Yorbik O.,Gulhane Military Medical Faculty | Kurt I.,Gulhane Military Medical Faculty | Hasimi A.,Gulhane Military Medical Faculty | Ozturk O.,Gulhane Military Medical Faculty
Biological Trace Element Research | Year: 2010

Although potentially harmful effects of heavy metals are well known, limited numbers of studies exist regarding their relationship with autism. The aim of this study was to investigate urine levels of some heavy metals such as of chromium (Cr), cadmium (Cd), and lead (Pb) in children with autism and healthy subjects. Urine levels of Cr, Cd, and Pb were measured by atomic absorption spectrometry in 30 children with autism and compared with 20 healthy controls.

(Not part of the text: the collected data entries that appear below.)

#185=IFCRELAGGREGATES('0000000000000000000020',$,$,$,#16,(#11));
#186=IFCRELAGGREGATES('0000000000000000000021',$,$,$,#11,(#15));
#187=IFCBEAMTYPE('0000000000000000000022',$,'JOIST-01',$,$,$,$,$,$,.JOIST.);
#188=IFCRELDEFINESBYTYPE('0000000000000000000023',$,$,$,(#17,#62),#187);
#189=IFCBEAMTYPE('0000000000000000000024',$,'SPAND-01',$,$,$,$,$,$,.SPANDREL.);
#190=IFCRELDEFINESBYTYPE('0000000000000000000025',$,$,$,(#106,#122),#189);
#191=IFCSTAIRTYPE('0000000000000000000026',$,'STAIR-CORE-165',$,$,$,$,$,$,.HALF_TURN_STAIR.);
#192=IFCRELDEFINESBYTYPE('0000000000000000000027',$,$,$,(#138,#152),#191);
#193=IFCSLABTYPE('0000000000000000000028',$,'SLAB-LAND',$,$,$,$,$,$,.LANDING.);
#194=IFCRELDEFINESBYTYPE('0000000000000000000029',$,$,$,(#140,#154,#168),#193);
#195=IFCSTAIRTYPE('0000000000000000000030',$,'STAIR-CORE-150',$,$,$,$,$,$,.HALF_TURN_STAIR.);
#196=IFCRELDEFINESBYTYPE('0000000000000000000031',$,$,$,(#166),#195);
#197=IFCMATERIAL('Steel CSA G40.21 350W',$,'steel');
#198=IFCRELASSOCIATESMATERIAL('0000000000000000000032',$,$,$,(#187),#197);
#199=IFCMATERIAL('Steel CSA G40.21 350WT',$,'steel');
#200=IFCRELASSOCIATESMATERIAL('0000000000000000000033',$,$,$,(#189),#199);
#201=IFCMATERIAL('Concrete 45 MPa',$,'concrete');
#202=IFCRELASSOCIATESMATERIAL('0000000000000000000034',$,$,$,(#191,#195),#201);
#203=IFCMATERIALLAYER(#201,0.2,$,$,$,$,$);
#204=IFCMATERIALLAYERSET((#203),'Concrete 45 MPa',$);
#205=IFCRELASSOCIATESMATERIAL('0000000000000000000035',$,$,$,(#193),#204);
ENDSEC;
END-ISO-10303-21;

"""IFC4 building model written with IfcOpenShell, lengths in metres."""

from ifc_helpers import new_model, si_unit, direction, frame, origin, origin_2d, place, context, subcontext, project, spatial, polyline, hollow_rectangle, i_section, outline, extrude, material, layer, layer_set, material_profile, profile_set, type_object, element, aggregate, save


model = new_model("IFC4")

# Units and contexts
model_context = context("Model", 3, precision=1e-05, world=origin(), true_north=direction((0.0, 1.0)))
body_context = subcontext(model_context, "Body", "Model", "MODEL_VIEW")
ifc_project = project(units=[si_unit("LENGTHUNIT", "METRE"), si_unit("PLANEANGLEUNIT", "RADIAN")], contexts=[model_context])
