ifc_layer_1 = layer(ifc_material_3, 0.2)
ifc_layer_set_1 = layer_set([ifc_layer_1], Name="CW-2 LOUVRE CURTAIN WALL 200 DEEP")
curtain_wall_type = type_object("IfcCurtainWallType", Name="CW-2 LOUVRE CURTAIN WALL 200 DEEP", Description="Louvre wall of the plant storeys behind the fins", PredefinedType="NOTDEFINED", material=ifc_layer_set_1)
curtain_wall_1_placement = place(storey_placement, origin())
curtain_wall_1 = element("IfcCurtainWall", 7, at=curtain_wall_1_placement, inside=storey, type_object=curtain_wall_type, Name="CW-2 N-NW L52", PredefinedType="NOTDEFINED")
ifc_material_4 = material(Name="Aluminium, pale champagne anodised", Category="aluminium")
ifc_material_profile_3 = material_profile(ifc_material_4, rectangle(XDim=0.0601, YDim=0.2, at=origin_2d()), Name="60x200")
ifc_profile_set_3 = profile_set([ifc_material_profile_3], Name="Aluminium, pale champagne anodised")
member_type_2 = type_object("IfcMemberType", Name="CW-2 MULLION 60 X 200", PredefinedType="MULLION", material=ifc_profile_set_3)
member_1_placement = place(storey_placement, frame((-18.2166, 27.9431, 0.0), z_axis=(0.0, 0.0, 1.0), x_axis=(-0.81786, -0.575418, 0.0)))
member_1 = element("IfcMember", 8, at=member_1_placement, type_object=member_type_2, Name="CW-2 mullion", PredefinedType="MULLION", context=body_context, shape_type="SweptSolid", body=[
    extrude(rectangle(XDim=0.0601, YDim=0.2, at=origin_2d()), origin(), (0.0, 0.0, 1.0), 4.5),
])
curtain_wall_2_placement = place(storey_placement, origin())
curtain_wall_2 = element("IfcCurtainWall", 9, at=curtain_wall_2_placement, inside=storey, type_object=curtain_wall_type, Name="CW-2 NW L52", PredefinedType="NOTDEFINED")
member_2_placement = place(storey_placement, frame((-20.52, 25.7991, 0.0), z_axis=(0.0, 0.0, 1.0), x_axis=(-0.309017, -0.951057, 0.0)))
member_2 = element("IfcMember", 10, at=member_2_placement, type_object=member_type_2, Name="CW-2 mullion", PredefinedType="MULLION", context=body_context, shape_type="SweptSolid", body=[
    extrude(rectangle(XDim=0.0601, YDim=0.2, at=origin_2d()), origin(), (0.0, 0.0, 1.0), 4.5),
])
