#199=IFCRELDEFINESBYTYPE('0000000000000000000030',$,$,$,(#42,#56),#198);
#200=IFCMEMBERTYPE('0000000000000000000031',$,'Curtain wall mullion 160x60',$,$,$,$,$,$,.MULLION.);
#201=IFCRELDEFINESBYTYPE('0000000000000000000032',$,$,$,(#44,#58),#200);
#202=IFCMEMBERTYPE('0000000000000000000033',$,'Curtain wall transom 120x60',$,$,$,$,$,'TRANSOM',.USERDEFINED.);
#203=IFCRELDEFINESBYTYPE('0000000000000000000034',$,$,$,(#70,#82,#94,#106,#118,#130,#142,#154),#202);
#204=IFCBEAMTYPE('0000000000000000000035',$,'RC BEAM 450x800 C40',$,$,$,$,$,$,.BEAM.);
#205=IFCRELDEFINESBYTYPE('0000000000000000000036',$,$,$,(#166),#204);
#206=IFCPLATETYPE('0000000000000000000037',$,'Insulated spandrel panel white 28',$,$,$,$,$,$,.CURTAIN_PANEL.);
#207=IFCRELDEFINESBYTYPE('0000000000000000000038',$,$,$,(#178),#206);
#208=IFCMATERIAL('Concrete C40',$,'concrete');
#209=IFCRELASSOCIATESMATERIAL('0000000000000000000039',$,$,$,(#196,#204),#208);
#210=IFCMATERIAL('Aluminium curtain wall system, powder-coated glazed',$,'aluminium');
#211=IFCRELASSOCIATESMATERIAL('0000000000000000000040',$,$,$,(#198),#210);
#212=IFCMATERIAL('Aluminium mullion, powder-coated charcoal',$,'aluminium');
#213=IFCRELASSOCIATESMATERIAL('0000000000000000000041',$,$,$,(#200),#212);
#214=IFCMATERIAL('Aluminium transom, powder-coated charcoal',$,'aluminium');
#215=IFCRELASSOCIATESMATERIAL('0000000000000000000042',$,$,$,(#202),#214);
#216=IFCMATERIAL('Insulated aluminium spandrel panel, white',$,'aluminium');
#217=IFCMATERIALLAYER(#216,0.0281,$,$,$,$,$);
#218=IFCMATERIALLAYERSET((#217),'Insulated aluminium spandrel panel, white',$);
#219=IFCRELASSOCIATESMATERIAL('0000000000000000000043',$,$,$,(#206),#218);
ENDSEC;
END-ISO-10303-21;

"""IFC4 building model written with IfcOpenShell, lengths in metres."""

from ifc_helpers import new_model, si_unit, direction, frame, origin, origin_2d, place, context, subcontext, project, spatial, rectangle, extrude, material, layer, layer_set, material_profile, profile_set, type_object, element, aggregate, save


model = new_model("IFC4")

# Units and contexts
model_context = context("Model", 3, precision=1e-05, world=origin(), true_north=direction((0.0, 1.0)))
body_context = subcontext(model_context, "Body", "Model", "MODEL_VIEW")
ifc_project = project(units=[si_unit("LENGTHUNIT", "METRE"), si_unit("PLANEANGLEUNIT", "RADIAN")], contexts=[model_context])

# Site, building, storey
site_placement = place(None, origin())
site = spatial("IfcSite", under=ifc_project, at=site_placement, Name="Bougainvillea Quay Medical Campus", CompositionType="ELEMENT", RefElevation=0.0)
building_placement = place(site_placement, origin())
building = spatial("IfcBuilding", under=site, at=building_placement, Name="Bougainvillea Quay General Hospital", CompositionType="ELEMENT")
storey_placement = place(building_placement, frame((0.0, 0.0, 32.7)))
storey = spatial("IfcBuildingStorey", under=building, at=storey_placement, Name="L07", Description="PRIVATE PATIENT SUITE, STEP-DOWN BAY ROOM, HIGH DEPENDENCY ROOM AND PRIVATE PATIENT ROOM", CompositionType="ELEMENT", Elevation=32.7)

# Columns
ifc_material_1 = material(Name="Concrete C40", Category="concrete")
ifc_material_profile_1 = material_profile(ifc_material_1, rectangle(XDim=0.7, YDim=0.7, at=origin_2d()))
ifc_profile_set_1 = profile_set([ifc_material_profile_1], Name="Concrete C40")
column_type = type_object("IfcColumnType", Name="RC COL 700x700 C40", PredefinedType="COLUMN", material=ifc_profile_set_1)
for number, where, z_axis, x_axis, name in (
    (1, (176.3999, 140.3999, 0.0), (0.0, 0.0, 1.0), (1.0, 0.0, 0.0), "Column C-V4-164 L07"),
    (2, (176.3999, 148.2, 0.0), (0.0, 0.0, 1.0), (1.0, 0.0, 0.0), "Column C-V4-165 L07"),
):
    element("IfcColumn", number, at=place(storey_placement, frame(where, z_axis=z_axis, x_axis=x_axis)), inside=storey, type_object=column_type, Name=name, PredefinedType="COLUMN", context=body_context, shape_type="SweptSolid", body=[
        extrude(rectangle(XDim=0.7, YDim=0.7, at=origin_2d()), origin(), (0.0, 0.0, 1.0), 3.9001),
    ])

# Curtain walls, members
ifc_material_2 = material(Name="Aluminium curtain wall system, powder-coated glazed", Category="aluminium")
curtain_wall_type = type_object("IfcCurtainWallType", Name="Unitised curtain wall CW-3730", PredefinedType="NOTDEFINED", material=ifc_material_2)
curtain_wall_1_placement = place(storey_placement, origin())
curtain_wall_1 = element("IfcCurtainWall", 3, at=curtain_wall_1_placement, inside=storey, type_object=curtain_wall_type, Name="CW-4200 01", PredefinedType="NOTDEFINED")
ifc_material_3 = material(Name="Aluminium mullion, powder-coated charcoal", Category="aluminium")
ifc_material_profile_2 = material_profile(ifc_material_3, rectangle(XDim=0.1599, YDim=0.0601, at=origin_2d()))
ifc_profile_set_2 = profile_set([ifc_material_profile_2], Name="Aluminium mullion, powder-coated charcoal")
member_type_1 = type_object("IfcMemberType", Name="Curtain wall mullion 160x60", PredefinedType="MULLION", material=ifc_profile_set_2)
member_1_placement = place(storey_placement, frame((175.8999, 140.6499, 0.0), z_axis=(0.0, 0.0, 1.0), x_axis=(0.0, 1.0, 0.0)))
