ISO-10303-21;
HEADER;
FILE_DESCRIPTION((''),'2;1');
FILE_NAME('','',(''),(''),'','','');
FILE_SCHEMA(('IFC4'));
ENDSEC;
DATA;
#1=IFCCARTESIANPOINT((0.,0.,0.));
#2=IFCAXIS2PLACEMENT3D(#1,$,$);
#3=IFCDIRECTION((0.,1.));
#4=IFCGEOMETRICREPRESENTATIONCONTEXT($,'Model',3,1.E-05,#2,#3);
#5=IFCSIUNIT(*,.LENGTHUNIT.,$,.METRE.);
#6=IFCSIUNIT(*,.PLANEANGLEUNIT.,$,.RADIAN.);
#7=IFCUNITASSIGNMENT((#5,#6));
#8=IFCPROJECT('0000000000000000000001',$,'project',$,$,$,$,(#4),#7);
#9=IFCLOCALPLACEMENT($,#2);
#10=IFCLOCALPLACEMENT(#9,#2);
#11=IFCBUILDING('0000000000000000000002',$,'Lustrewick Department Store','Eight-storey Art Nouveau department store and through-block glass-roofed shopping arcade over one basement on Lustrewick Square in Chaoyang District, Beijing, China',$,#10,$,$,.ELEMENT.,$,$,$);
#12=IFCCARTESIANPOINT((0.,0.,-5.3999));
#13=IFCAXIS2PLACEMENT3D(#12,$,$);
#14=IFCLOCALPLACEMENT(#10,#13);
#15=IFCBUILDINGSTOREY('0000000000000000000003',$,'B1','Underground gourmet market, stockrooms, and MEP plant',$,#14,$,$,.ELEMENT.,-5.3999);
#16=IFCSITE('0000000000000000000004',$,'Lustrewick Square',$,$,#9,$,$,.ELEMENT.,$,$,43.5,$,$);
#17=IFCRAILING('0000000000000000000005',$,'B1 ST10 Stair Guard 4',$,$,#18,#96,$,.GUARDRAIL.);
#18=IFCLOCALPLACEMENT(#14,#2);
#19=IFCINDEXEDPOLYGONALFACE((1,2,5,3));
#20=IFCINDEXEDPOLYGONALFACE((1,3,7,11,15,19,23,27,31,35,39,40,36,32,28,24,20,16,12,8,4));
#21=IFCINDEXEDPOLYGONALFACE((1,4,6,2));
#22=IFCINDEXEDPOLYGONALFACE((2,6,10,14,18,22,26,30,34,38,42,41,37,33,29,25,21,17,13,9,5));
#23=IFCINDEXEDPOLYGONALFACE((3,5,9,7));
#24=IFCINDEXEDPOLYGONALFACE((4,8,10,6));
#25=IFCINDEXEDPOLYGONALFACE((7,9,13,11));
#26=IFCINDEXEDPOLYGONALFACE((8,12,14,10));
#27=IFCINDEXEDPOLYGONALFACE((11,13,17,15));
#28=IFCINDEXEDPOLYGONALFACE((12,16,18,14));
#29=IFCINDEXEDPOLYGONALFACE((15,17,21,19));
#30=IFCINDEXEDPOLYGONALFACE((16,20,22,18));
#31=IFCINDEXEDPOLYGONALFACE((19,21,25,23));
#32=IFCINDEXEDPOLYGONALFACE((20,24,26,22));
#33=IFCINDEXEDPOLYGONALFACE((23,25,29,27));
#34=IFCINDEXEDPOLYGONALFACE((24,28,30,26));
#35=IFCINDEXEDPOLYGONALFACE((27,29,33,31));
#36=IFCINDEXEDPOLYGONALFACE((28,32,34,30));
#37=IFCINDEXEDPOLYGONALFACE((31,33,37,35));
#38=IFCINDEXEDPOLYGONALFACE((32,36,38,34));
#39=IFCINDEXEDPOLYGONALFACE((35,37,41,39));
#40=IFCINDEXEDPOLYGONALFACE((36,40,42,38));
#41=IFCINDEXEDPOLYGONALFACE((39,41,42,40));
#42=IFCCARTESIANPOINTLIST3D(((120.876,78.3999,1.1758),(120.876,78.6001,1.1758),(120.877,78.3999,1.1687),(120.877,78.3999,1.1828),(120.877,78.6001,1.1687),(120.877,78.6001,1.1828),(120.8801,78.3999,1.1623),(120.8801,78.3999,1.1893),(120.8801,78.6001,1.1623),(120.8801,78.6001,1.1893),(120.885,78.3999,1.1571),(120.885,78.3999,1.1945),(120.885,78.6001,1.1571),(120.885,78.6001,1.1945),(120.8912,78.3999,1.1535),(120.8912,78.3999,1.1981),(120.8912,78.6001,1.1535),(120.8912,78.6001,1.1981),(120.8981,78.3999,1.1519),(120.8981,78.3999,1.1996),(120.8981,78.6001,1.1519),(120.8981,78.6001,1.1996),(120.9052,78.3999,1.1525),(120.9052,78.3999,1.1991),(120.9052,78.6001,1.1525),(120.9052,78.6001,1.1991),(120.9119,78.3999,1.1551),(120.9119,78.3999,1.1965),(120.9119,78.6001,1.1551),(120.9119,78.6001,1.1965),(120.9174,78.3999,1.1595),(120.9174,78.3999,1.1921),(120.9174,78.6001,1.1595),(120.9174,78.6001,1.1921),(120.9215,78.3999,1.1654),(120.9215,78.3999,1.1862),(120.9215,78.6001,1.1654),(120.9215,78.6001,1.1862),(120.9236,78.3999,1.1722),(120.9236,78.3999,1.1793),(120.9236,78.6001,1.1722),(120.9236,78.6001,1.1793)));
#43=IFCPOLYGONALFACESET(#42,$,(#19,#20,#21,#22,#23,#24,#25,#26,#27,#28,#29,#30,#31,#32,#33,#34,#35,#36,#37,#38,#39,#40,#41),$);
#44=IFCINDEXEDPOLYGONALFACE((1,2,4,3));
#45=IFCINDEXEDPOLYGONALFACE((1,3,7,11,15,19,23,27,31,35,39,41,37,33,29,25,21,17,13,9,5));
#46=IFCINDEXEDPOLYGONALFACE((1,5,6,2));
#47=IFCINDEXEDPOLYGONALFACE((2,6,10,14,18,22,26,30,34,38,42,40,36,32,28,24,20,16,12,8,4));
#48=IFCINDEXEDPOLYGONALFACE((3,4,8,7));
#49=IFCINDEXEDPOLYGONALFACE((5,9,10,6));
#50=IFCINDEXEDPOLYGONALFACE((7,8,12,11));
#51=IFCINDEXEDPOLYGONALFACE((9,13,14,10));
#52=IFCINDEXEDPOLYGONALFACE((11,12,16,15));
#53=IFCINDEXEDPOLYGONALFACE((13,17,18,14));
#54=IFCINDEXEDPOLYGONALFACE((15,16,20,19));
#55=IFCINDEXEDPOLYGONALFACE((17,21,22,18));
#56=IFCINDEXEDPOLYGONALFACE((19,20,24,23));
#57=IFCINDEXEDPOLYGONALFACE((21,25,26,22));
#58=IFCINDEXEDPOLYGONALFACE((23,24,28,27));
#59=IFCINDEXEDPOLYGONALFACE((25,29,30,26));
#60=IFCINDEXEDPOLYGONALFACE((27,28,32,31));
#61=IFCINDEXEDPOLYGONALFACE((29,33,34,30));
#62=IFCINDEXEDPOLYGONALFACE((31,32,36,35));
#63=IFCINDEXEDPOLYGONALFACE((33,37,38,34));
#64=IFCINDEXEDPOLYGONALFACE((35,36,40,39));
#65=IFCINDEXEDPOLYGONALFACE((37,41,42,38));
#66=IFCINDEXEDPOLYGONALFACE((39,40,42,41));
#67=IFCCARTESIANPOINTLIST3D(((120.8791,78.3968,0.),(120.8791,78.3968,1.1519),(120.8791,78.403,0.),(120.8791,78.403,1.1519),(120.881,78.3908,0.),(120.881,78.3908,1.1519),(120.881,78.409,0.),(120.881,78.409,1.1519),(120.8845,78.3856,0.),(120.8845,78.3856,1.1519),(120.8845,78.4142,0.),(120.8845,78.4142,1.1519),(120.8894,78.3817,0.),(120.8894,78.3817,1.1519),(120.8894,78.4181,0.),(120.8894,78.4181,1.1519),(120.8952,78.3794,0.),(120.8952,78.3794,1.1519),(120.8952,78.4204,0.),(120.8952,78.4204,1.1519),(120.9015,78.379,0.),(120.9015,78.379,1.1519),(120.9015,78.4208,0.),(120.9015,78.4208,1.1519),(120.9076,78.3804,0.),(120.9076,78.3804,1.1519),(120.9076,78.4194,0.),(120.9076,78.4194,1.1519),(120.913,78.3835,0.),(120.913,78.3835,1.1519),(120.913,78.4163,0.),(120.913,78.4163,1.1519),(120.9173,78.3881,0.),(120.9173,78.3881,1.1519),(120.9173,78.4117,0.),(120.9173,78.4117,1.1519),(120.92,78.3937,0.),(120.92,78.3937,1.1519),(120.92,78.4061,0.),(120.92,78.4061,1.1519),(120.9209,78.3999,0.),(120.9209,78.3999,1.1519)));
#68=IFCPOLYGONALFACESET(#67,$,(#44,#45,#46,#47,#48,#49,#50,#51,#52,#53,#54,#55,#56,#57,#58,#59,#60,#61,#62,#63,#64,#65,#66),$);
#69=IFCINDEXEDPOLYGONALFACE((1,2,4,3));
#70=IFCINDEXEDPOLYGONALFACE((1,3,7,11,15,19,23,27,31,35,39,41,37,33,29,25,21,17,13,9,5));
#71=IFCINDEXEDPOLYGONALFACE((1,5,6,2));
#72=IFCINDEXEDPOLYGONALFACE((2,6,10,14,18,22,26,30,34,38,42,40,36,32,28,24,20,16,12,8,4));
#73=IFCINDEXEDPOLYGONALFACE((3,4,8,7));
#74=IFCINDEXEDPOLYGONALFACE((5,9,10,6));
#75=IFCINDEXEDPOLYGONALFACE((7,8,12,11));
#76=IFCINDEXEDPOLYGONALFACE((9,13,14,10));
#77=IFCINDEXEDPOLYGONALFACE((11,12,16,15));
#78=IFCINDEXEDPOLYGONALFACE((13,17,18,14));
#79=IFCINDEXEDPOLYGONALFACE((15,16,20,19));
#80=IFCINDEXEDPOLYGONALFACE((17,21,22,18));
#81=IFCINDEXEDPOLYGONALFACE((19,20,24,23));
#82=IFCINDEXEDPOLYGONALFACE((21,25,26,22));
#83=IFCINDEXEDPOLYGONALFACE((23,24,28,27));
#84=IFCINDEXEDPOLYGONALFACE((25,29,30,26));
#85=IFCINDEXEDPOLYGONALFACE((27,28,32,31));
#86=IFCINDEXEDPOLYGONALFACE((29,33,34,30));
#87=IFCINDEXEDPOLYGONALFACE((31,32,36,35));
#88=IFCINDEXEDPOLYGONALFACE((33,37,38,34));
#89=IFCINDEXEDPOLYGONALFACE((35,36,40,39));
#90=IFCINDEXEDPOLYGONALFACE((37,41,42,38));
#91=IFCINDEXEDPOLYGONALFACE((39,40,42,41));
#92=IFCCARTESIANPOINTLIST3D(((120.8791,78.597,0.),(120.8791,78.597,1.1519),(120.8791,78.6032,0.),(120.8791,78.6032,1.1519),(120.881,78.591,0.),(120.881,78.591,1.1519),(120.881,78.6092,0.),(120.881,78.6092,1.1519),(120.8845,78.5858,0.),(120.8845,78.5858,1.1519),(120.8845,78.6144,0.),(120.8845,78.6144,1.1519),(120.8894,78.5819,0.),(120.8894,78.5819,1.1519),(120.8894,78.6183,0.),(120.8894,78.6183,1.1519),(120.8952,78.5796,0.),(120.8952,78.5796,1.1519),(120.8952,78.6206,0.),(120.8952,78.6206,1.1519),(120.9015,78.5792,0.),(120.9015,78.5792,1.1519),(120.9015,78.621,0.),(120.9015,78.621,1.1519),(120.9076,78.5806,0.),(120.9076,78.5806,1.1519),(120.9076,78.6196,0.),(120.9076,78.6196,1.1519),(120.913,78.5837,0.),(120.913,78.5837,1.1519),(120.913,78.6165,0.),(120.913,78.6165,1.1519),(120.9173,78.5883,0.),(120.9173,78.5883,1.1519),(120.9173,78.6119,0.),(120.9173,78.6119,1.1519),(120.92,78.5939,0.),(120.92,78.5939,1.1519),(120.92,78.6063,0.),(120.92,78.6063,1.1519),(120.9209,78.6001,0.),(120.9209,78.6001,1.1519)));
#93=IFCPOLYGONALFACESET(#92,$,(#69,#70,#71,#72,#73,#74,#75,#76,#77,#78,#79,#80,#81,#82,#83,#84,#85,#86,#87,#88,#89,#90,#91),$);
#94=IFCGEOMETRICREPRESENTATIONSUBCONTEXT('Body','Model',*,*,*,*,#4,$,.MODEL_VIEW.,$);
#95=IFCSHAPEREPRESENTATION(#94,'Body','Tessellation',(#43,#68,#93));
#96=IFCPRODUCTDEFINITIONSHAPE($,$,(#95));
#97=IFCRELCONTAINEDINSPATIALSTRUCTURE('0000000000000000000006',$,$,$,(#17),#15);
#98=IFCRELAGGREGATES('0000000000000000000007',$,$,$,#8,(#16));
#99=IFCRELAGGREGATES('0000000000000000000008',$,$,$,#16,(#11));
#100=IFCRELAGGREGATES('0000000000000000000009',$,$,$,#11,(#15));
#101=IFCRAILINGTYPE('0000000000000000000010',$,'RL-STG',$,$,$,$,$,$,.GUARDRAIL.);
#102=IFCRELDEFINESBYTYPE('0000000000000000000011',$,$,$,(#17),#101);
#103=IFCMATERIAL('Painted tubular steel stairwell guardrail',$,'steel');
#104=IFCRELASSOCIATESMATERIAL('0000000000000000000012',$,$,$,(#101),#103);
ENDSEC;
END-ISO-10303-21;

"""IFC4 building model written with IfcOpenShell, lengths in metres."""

from ifc_helpers import new_model, si_unit, direction, frame, origin, origin_2d, place, context, subcontext, project, spatial, circle, extrude, material, type_object, element, save


model = new_model("IFC4")

# Units and contexts
model_context = context("Model", 3, precision=1e-05, world=origin(), true_north=direction((0.0, 1.0)))
body_context = subcontext(model_context, "Body", "Model", "MODEL_VIEW")
ifc_project = project(units=[si_unit("LENGTHUNIT", "METRE"), si_unit("PLANEANGLEUNIT", "RADIAN")], contexts=[model_context])

# Site, building, storey
site_placement = place(None, origin())
site = spatial("IfcSite", under=ifc_project, at=site_placement, Name="Lustrewick Square", CompositionType="ELEMENT", RefElevation=43.5)
building_placement = place(site_placement, origin())
building = spatial("IfcBuilding", under=site, at=building_placement, Name="Lustrewick Department Store", Description="Eight-storey Art Nouveau department store and through-block glass-roofed shopping arcade over one basement on Lustrewick Square in Chaoyang District, Beijing, China", CompositionType="ELEMENT")
storey_placement = place(building_placement, frame((0.0, 0.0, -5.3999)))
storey = spatial("IfcBuildingStorey", under=building, at=storey_placement, Name="B1", Description="Underground gourmet market, stockrooms, and MEP plant", CompositionType="ELEMENT", Elevation=-5.3999)

# Railing
ifc_material_1 = material(Name="Painted tubular steel stairwell guardrail", Category="steel")
railing_type_1 = type_object("IfcRailingType", Name="RL-STG", PredefinedType="GUARDRAIL", material=ifc_material_1)
railing_1_placement = place(storey_placement, frame((120.8999, 78.3999, 0.0)))
element("IfcRailing", 1, at=railing_1_placement, inside=storey, type_object=railing_type_1, Name="B1 ST10 Stair Guard 4", PredefinedType="GUARDRAIL", context=body_context, shape_type="SweptSolid", body=[
    extrude(circle(Radius=0.0239, at=origin_2d()), frame((0.0, 0.0, 1.1758), z_axis=(0.0, 1.0, 0.0), x_axis=(-1.0, 0.0, 0.0)), (0.0, 0.0, 1.0), 0.2002),
    extrude(circle(Radius=0.021, at=origin_2d()), origin(), (0.0, 0.0, 1.0), 1.1519),
    extrude(circle(Radius=0.021, at=origin_2d()), frame((0.0, 0.2002, 0.0)), (0.0, 0.0, 1.0), 1.1519),
])

save(model, "model.ifc")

Urine Cd and Pb levels were found as significantly decreased in children with autism compared to healthy subjects (p<0.05). On the other hand, urine Cr levels were significantly higher in children with autism than healthy subjects (p<0.05). This study suggested that autism may be associated with significant decrease in excretion rate of Cd and Pb and a significant increase excretion rate in the levels of Cr in the urine. These results have indicated that further studies are warranted for investigation of possible roles of heavy metals in autism. © 2009 Humana Press Inc.